Thank you, Indulge, for the wine pairings. Beneath the description of each entree is a reasonably-priced wine suggestion, available by the glass. You don’t feel obligated to order a whole bottle to appreciate the effort that went into matching the wine with the food. And you might discover something you really like.

Indulge gets serious points for offering some dishes in small plates. That night, three of the 10 entrees were available in two sizes. “I had the small sized scallops last time,” said Mary, “and that was plenty.”

Mary started with the French onion soup ($9), which was remarkably good, the broth exceptional in its sweetness. Melty cheese trailed slender strings from a bowl chock-full of onions. There was just enough bread on top, she said, to enjoy without filling you up.

Indulge uses those privacy bowls for salad; you know, the deep ones that angle toward the diner. Mary said her Caesar salad ($9), with optional anchovies, had plenty of dressing. She approved of the thin slices of toasted crostini in place of croutons.

My mom makes a warm spinach salad and Indulge does too ($9). Her recipe uses bacon, theirs calls for pancetta, and they’re both good. She instructs you to pour the warm sauce over the spinach, cover the bowl and wait a few minutes for it to wilt. That’s exactly how my salad was, with the addition of just enough cannellini beans to spear with the dainty leaves. The red vinaigrette lightly coated the spinach and pooled in the bottom of the bowl.

Pleasant palate cleanser

We enjoyed the lemon sorbet offered to cleanse the palate before the main course. The petite glass dishes were icy and frost-covered, which made it especially refreshing.

Indulge kept our table cleared and water glasses filled, and the server was helpful without being overbearing. She apologized that our entrees were delayed, and we could see she meant it.

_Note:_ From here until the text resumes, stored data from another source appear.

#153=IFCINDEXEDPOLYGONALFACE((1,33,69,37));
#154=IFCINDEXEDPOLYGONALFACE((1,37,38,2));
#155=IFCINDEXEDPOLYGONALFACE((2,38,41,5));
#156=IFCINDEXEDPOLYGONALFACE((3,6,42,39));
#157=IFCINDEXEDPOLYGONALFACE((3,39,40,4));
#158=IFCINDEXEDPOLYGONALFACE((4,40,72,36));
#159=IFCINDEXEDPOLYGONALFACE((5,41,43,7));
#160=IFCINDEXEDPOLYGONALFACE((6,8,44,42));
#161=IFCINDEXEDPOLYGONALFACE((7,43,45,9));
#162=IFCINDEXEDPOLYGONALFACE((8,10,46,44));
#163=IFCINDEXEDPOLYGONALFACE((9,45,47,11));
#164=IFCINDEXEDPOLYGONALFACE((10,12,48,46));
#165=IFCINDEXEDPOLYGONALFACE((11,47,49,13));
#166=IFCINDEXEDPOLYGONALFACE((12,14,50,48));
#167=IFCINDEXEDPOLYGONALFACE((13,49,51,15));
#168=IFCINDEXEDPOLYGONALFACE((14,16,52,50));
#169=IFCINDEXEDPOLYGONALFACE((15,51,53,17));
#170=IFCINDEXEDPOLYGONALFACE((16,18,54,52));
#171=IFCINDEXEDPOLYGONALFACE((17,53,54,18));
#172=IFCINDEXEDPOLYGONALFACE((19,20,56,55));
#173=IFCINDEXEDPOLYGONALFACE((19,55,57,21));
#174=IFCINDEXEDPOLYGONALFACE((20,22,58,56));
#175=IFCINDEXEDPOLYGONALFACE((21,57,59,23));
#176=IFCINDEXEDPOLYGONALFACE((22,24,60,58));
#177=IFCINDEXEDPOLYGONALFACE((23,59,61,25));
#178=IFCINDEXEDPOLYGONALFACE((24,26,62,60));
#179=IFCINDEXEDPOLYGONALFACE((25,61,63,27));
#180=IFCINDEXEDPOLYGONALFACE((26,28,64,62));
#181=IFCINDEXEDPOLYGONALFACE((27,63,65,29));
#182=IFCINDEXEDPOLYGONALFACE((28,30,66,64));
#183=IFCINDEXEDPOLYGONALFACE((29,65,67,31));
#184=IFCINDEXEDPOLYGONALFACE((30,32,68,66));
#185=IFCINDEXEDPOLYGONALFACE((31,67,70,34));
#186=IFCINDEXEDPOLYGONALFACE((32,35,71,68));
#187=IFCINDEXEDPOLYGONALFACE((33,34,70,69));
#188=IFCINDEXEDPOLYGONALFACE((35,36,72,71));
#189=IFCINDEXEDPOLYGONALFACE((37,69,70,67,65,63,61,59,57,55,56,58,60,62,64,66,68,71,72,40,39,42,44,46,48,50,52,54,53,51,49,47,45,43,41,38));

The chicken wasn’t available in either large or small sizes that night, so I ordered the pan-seared halibut ($24). There was a square thick piece of halibut, like a steak, stacked atop haricots vert stacked upon saffron-flavored jasmine rice.

Let me start with the sauce, a swoon-inducing lemon buerre blanc. A buerre blanc is a classic French reduction of wine, vinegar and shallots into which chunks of cold butter are whisked until the sauce is velvety and thick. It looked gorgeous puddled on the glossy black plate, and as it seeped under the rice, the lemon flavor softened the saffron a bit. The fish was pleasantly crispy at the corners and moist within. Microgreens, which are exactly what you think they are, garnished the dish and had a vegetal flavor that put me in mind of a greenhouse on a summer day.

It’s a shame to deconstruct a handsomely arranged dish, but I had to tease the haricots vert out of the pile. The sauce, which I rationed, completed the fish. The dish was nicely composed and well executed, but the focus ended up being on the saffron.

Pork osso bucco

Mary was enjoying her more memorable meal, the braised pork osso bucco ($26) with wild mushrooms. “The risotto is a meal in itself,” she said, “and good enough to stand on its own.”

The tender meat came away easily from the bone, and she mixed it with the rice. White truffle oil, more perfume than flavor, added richness and depth to the dish. She brought at least half home.

The dining room was filled by the time we finished our entrees, and our server brought the dessert tray in good time to make up for the earlier wait. Soon we were settled down with the last course.

Mary had a tidy round serving of chocolate mousse ($8), and enjoyed the two sauces painted on the plate, especially the raspberry reduction. Like the lemon tart ($8) I enjoyed, it was light, full of flavor and not too sweet. The carefully mounded, luxurious whipped cream was almost as thick as mousse; on my dessert, it incorporated enough of the abundant fluffs of lemon peel to make me think it was similarly flavored.

It was a leisurely but very pleasant meal, and I was glad when the server returned my credit card promptly. The tab for dinner, with an iced tea and tip, came to $123.15.

Autumn is under way, with all the harvest goodness it implies. Spend a cool, cozy evening at the restaurant in comfortable surroundings and allow yourself to be indulged.